Dünya üzerinde 33 milyonu aşkın insan, ilk kez Çin'de ortaya çıkan yeni tip 0koronavirüse (Kovid-19) yakalandı. Bunların 1 milyondan fazlası yaşamını yitirdi. Türkiye’nin de 11 Mart’tan bu yana mücadele ettiği koronavirüste, tablo her geçen gün ağırlaşıyor.

COVID-19’la savaşta en etkili önlem, tedbiri elden bırakmamaktan geçiyor. Yeni normal hayatımızın vazgeçilmezi olan temizlik, maske ve mesafenin önemi her fırsatta dile getiriliyor. Ancak buna rağmen kurallara uymamakta ısrar edenlerin olduğu gözleniyor. 

Sadece hastalıktan korunmak isteyenlerin önlem alması sorunu çözmüyor. Koronavirüs teşhisi konulan kişilerin de çevrelerine hastalık bulaştırmamak için aynı hassasiyeti göstermeleri gerekiyor. Karantina sürecine uygun olarak hareket edip kendilerini izole etmeleri, bulaşıcılığı önleme açısından şart. Bunu yapmayanların başı hukuki olarak da ağrıyabilir. Çankaya Üniversitesi Hukuk Fakültesi Öğretim Üyesi Doç. Dr. Elvan Keçelioğlu, koronavirüsü başkasına bilerek ya da bilmeyerek bulaştıran kişilerin karşılaşabileceği hukuki yaptırımlarla ilgili olarak TRT Haber sorularını cevapladı.

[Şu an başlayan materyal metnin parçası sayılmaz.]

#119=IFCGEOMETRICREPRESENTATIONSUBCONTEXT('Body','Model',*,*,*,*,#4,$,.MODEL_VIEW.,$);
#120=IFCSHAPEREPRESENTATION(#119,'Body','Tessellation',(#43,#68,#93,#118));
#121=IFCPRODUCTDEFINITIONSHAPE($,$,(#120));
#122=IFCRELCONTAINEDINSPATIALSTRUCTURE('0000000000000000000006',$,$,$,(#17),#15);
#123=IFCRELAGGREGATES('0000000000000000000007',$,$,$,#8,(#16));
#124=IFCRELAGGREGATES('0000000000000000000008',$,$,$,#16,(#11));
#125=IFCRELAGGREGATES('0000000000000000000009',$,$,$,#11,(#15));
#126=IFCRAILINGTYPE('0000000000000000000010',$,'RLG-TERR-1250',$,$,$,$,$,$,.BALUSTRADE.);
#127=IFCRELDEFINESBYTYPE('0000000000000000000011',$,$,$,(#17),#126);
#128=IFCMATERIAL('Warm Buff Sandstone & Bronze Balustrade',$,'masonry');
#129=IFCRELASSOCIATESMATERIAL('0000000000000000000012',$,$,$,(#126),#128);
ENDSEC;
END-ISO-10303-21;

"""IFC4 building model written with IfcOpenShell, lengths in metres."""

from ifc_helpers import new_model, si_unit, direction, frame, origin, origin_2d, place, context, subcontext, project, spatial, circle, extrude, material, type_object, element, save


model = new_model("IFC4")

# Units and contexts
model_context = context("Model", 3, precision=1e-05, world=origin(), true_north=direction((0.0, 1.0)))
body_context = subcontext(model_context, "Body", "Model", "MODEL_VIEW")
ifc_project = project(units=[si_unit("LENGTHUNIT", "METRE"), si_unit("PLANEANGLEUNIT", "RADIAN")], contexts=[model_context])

Yargılama yapılabilmesi için ispat şart

COVID-19 tanısı olan biri, hastalığı bilerek ya da bilmeyerek başkasına bulaştırırsa dava edilebiliyor. Doç. Dr. Elvan Keçelioğlu, bunu şöyle açıklıyor:

“Yargı yoluna başvurma bakımından bir sıkıntı yok. Ancak pandemi koşullarında yargılama makamlarını zorlayacak bir konu var: Virüsün kimden bulaştığının kesin olarak tespit edilmesi gerekiyor. Bir kişiye ceza verilebilmesi için, virüsün ondan bulaştığının şüpheye yer vermeyecek derecede ortaya çıkarılması lazım. Pandemi koşullarında bu çok mümkün gözükmüyor.” 

Bu konu sadece ülkemizde tartışılmıyor. Doç. Dr. Keçelioğlu, “Avrupa hukukunda da tartışılan bir konu bu. İlliyet bağı sürecinin sağlıklı bir şekilde ortaya konulup konulamayacağına ilişkin tartışmalar var. Hastalanan kişi COVID-19’u şu kişiden almış diyebilmemiz çoğu zaman mümkün değil. Çünkü bir başkasından da almış olabilir. Bu durum yargılama makamlarının işini zorlaştırıyor” diyor. 

Tazminat davası açmak da mümkün

İşin ispat tarafı zor olsa da koronivirüse yakalanan kişi, hastalığı kimden aldığını kanıtladığında dava yoluna gidebilir. “Bu da iki şekilde oluyor” diyen Doç. Dr. Keçelioğlu, “Hastalığı taşıyan kişi, bir başkasına bulaştırmak için onun yanına gidip bulaştırmışsa, ‘kasten yaralama’ suçundan ceza alır. Bizim hukuk sistemimiz uyarınca virüsün başka bir kişiye bulaştırılması, ölüm olayına yol açmamışsa ‘yaralama’ suçu var demektir. Eğer istemeden bulaştırmışsa bu kez ‘taksirle yaralama’ suçundan ceza alır” yorumunda bulunuyor. 

Olayın bir başka boyutu ise tazminatla ilgili… Hastalığa yakalanan kişi, bulaştıran kişiden tazminat da isteyebilir. Doç. Dr. Keçelioğlu bu ayrıntı ile ilgili olarak şunları söylüyor:

“COVID-19 dolayısıyla çalışamayan kişiler, bu sürelere ilişkin ücret miktarlarını, sağlık harcamalarını almak için belli bir tazminat belirleyebilir. Yani hem maddi hem manevi tazminat davası açabilir.”